Received: 22 November 2011
Accepted: 29 February 2012

Abstract

Context. A new class of super-luminous transients has recently been identified. These objects reach absolute luminosities of M_u  <   −21, lack hydrogen in their spectra, and are exclusively discovered by non-targeted surveys because they are associated with very faint galaxies.

Aims. We aim to contribute to a better understanding of these objects by studying SN 2006oz, a newly-recognized member of this class.

Methods. We present multi-color light curves of SN 2006oz from the SDSS-II SN Survey that cover its rise time, as well as an optical spectrum that shows that the explosion occurred at z ~ 0.376. We fitted black-body functions to estimate the temperature and radius evolution of the photosphere and used the parametrized code SYNOW to model the spectrum. We constructed a bolometric light curve and compared it with explosion models. In addition, we conducted a deep search for the host galaxy with the 10 m GTC telescope.
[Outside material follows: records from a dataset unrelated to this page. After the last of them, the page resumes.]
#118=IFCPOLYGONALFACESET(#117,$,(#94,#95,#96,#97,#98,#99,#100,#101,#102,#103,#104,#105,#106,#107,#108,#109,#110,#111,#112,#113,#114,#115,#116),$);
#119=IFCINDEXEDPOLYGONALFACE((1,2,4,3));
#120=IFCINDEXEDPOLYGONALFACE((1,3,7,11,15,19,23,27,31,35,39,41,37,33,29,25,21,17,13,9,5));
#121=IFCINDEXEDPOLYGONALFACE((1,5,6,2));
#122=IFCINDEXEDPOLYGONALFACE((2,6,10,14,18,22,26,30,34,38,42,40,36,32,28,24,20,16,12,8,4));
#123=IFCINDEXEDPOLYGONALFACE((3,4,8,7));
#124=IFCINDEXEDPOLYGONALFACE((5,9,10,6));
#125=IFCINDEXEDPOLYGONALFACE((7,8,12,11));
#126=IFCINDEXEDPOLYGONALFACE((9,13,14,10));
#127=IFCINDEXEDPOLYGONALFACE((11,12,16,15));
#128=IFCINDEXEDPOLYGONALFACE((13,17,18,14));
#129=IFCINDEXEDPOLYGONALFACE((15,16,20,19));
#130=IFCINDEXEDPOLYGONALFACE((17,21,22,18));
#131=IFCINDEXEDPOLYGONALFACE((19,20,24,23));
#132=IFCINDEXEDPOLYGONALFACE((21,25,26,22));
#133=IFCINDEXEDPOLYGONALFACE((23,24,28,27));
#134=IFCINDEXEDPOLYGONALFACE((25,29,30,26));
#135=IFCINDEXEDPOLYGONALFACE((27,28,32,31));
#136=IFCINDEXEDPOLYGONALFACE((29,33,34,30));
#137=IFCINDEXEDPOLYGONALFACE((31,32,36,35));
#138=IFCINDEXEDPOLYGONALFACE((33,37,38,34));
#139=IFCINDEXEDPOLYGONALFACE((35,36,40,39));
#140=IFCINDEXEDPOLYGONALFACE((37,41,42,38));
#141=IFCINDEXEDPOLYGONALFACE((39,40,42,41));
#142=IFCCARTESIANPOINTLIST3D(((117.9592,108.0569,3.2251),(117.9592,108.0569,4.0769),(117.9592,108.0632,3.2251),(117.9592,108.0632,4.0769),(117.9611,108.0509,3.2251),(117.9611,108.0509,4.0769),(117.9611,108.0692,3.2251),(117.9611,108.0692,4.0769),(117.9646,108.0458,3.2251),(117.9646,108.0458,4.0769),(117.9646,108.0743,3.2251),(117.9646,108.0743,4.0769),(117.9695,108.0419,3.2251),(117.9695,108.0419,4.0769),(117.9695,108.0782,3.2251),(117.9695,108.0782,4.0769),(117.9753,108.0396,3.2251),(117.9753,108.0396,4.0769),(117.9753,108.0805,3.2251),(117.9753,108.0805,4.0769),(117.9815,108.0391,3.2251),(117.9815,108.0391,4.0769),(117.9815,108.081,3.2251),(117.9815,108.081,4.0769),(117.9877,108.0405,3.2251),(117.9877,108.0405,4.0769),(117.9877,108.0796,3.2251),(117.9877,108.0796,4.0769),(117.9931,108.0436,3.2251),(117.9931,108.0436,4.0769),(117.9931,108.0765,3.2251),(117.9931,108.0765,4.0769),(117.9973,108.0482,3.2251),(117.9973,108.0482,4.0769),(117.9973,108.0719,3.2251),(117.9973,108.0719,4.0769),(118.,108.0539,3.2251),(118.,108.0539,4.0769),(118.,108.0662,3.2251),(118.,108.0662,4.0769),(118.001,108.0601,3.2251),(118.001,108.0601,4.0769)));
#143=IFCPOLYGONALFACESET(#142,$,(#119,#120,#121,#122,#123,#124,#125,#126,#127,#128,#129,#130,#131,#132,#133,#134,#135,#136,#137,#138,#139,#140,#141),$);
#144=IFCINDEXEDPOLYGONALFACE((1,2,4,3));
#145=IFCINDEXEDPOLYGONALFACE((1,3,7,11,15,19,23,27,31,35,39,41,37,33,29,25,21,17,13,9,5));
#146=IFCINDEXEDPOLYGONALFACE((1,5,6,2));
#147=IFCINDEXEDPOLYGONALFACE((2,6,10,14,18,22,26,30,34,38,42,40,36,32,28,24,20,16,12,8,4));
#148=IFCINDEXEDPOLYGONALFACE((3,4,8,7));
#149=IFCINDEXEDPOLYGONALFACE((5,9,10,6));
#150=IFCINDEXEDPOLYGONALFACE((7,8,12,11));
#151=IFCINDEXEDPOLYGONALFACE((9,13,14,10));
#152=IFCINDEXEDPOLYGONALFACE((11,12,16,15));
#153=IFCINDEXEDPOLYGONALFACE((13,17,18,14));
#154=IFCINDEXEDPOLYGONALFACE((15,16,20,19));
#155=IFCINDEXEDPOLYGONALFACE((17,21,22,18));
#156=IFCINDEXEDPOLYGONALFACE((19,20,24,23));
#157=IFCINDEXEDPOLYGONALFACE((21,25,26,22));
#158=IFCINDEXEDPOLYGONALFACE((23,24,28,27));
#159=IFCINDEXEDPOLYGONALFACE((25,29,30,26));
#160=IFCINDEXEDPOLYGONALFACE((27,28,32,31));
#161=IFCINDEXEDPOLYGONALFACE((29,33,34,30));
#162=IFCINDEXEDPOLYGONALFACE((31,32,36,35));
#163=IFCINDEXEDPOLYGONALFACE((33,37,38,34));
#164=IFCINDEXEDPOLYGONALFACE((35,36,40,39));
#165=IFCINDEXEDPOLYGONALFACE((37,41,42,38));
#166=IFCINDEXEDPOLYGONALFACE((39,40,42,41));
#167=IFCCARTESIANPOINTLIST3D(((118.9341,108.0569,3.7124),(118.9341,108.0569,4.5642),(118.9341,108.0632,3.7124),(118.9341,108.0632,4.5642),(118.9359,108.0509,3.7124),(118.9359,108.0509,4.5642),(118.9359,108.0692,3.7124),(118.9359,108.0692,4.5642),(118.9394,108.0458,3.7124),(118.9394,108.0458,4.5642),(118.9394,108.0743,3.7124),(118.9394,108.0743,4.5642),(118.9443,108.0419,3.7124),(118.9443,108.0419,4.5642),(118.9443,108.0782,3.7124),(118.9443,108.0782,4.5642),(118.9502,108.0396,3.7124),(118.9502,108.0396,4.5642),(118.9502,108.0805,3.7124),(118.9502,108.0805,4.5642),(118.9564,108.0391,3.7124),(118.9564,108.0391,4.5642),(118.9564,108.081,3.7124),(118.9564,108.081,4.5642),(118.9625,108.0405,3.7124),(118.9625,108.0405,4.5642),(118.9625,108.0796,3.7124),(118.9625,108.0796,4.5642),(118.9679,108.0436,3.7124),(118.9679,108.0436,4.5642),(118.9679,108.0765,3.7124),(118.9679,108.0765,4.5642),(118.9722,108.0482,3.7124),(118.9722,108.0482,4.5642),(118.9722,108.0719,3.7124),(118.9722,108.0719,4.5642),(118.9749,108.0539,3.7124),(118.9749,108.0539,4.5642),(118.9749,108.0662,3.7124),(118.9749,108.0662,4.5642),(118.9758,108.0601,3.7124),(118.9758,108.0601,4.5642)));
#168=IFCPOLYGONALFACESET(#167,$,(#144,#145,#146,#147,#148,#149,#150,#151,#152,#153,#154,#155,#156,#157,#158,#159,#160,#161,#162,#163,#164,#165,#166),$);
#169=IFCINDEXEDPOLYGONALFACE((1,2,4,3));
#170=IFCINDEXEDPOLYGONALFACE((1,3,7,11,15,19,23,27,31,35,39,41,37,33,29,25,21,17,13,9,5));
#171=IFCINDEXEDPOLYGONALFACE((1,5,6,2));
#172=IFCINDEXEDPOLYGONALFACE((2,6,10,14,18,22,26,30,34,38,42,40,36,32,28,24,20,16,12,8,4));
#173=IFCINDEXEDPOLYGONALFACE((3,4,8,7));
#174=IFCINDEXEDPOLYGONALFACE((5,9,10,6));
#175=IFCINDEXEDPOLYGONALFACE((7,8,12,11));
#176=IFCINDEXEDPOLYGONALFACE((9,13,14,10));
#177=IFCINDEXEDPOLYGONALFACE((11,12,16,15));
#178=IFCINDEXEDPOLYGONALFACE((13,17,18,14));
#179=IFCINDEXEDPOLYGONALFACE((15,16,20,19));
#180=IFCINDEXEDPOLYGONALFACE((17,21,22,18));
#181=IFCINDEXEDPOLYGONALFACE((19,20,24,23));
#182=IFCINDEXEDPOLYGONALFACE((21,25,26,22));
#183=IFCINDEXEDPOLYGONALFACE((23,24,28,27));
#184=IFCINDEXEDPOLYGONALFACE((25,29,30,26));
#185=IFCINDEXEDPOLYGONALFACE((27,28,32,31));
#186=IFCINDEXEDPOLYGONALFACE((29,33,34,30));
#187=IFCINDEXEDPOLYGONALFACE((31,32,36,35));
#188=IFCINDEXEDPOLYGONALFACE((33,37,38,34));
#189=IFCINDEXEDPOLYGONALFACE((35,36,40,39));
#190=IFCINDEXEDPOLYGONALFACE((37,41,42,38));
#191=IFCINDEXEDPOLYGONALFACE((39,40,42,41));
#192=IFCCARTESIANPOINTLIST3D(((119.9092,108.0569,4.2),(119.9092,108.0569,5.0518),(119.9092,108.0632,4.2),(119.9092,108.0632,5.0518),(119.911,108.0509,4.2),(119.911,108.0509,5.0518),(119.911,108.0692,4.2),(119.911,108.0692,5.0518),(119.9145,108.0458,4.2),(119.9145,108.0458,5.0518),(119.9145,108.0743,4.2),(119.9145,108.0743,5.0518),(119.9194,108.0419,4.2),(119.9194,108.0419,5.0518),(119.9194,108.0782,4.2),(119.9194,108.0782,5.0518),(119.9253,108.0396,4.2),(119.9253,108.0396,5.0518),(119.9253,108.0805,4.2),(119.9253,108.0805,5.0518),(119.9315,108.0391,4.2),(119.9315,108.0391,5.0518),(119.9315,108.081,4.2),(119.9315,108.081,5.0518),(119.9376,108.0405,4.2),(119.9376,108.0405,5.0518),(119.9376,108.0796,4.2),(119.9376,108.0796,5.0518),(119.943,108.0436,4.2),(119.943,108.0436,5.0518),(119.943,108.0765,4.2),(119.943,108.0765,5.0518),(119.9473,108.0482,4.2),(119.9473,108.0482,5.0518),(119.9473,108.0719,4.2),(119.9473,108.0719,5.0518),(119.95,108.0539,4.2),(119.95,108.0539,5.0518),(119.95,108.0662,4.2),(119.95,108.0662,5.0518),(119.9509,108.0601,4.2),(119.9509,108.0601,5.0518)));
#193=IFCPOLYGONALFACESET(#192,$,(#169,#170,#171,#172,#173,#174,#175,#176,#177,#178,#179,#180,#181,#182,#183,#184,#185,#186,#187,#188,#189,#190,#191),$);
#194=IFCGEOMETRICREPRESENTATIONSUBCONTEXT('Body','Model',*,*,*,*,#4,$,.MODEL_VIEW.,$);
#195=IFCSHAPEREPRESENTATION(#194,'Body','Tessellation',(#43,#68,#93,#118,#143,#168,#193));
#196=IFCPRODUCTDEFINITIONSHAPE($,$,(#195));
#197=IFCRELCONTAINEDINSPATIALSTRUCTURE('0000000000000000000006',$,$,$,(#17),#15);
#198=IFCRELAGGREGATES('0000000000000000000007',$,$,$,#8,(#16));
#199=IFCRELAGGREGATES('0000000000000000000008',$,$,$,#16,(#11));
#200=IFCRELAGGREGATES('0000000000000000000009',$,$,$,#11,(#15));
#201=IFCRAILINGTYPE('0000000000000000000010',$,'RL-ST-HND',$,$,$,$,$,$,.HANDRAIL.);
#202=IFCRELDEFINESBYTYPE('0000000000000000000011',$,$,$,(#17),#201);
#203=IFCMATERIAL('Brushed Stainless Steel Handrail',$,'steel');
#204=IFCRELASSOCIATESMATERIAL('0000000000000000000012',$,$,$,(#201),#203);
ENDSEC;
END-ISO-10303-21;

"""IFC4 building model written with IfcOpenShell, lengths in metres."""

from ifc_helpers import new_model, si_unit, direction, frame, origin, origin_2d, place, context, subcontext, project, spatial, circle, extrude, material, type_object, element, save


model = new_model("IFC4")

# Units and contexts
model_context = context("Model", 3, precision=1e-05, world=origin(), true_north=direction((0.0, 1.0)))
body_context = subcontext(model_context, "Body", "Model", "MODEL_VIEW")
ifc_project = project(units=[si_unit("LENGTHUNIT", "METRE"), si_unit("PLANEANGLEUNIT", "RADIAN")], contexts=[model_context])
Results. The very early light curves show a dip in the g- and r-bands and a possible initial cooling phase in the u-band before rising to maximum light. The bolometric light curve shows a precursor plateau with a duration of 6–10 days in the rest-frame. A lower limit of M_u <  − 21.5 can be placed on the absolute peak luminosity of the SN, while the rise time is constrained to be at least 29 days. During our observations, the emitting sphere doubled its radius to  ~2 × 10¹⁵ cm, while the temperature remained hot at  ~15 000 K. As for other similar SNe, the spectrum is best modeled with elements including O ii and Mg ii, while we tentatively suggest that Fe iii might be present. The host galaxy is detected in gri with 25.74  ±  0.19, 24.43  ±  0.06, and 24.14  ±  0.12, respectively. It is a faint dwarf galaxy with M_g =  −16.9.

Conclusions. We suggest that the precursor plateau might be related to a recombination wave in a circumstellar medium (CSM) and discuss whether this is a common property of all similar explosions. The subsequent rise can be equally well described by input from a magnetar or by ejecta-CSM interaction, but the models are not well constrained owing to the lack of post-maximum observations, and CSM interaction has difficulties accounting for the precursor plateau self-consistently. Radioactive decay is less likely to be the mechanism that powers the luminosity. The host is a moderately young and star-forming, but not a starburst, galaxy.